A Data Catalog must reply on automation!
Some Data Catalog vendors, who hail from the world of cartography, have developed the rhetoric that automation is a secondary topic, which can be addressed at a later stage.
They will tell you that a few manual file imports suffice, along with a generous user community collaborating on their tool to feed and use the catalog. A little arithmetic is enough to understand why this approach is doomed to failure in a data-centric organization.
An active Data Lake, even a modest one, quickly hoovers up, in its different layers, hundreds and even thousands of datasets. Along with these datasets, can be added those from other systems (database applications, various APIs, CRMs, ERPs, noSQL, etc) which we usually want to integrate in the catalog.
The orders of magnitude quickly go beyond thousands, sometimes tens of thousands of datasets. Each dataset contains dozens of fields. Datasets and fields alone represent several hundreds of thousands of objects (we could also include other assets: ML models, dashboards, reports, etc). In order for the catalog to be useful, inventorying those objects isn’t enough.
You also need to combine with them all the properties (metadata) which will enable end users to find, understand, and exploit these assets. There are several types of metadata: technical information, business classification, semantics, security, sensitivity, quality, norms, uses, popularity, contacts, etc. Here again, for each asset, there are dozens of properties.
Back to the arithmetics: Overall, we are dealing with millions of attributes needing to be maintained.

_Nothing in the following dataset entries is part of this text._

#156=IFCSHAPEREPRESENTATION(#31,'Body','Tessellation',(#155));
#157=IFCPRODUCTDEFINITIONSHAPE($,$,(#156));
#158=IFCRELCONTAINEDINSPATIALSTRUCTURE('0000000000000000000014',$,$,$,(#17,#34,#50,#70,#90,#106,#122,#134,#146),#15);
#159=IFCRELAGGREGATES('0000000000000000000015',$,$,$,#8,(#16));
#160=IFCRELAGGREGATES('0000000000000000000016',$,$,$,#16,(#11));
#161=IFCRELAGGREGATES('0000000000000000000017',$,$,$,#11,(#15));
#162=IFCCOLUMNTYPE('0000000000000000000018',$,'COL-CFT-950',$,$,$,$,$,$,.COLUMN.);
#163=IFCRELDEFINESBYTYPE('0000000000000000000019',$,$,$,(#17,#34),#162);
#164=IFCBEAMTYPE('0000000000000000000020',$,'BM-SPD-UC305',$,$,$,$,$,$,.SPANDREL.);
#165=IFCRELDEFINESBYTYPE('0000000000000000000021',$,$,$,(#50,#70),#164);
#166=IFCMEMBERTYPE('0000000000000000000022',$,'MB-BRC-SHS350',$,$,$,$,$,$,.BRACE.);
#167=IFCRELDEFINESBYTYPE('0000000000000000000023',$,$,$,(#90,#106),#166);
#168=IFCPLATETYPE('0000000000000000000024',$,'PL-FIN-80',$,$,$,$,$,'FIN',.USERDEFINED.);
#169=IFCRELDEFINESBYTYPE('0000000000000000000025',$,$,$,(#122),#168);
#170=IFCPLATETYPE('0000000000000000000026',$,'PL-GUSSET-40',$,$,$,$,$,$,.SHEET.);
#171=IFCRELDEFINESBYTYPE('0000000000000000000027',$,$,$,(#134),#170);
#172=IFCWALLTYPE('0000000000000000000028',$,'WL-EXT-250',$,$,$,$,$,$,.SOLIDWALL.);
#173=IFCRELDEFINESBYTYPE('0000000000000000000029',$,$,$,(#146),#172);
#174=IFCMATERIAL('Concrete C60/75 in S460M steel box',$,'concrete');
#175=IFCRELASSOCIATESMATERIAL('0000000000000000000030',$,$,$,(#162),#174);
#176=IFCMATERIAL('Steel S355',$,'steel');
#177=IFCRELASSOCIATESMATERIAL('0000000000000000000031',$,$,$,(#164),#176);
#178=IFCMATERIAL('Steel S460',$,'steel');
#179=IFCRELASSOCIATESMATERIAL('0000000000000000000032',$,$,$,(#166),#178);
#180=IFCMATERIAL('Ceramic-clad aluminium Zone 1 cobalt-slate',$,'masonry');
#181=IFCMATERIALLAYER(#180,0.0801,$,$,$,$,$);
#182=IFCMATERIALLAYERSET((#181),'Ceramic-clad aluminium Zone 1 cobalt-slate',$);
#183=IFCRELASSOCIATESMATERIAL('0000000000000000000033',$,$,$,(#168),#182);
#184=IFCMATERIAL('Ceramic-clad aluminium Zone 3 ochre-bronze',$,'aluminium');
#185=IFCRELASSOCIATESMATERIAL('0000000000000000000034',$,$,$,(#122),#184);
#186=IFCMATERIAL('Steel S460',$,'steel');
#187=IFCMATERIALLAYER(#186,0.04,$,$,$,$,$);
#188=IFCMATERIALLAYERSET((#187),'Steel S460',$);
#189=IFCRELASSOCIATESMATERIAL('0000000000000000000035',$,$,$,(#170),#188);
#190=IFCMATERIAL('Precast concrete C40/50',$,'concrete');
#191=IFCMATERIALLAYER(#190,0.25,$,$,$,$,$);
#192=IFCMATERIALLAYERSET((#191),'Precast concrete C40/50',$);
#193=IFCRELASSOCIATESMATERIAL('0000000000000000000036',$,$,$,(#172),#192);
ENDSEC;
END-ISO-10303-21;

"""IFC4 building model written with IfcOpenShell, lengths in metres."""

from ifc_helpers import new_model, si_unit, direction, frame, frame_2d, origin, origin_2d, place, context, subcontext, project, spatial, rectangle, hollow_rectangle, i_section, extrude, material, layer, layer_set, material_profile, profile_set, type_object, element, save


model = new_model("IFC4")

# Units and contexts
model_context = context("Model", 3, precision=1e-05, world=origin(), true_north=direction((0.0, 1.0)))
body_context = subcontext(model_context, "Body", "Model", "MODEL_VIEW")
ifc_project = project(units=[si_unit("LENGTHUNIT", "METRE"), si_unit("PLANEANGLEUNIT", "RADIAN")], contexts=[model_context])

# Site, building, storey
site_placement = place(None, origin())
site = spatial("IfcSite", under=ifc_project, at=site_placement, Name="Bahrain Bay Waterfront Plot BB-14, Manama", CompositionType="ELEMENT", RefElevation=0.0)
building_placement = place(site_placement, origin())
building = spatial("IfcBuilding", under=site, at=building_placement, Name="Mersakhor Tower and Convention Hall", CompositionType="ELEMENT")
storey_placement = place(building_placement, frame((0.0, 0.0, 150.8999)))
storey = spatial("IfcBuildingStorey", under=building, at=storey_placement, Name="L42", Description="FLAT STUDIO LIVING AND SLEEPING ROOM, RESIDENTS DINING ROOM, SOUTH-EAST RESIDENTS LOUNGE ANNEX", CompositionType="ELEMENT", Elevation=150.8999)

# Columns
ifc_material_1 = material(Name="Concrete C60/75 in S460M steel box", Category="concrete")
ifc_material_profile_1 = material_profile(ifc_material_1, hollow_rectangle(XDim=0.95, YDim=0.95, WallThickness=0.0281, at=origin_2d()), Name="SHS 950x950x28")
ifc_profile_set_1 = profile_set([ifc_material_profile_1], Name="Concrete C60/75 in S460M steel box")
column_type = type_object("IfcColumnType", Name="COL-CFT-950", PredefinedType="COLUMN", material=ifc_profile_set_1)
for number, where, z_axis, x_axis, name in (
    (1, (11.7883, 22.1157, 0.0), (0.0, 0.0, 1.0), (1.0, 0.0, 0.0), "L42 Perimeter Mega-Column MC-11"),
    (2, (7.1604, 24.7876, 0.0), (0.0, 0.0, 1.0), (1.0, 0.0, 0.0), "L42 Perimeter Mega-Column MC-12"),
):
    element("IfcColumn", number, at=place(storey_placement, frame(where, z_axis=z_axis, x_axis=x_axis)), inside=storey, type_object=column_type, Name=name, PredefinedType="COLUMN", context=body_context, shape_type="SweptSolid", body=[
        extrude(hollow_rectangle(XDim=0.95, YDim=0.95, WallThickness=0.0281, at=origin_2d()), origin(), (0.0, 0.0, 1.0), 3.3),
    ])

Such volumes alone should disqualify any temptation to choose the manual approach. But there is more. The stock of informational assets isn’t static. It is constantly growing. In a data-centric organization, datasets are created daily, others are moved or changed.
The Data Catalog needs to reflect these changes.
Otherwise, its content will be permanently obsolete and the end users will reject it. Who is going to trust a Data Catalog that is incomplete and wrong? If you feel that your organization can absorb the load and keep your catalog up to date, that’s wonderful. Otherwise, we would suggest you monitor as quickly as possible the level of automation provided by the different solutions you are looking at.
What can we automate in a Data catalog?
In terms of automation, the most important capacity is the inventory.
A Data Catalog should be able to regularly scan all your data sources and automatically update the asset inventory (datasets, structures and technical metadata at a minimum) to reflect the day-to- day reality of the hosting systems.
Believe us: a Data Catalog that cannot connect to your da ta sources will quickly become useless, because its content will always be in doubt.
Once the inventory is completed, the next challenge is to automate the metamodel feed.
Here, beyond the technical metadata, complete automation seems a little hard to imagine. It is still possible to significantly reduce the necessary workload for the maintenance of the metamodel. The value of certain properties can be determined by simply applying rules at the time of the integration of the objects in the catalog.
It is also possible to suggest property values using more or less sophisticated algorithms (semantic analysis, pattern matching, etc.).
Lastly, it’s often possible to feed part of the catalog by integrating the systems that produce or contain metadata. This can apply for instance for quality measurement, for lineage information, for business ontologies, etc.
For this approach to work, the Data Catalog must be open and offer a complete set of APIs that allow the metadata to be updated from other systems.
Take Away
A Data Catalog handles millions of information in a constantly shifting landscape.
Maintaining this information manually is virtually impossible, or extremely costly. Without automation, the content of the catalog will always be in doubt, and the data teams will not use it.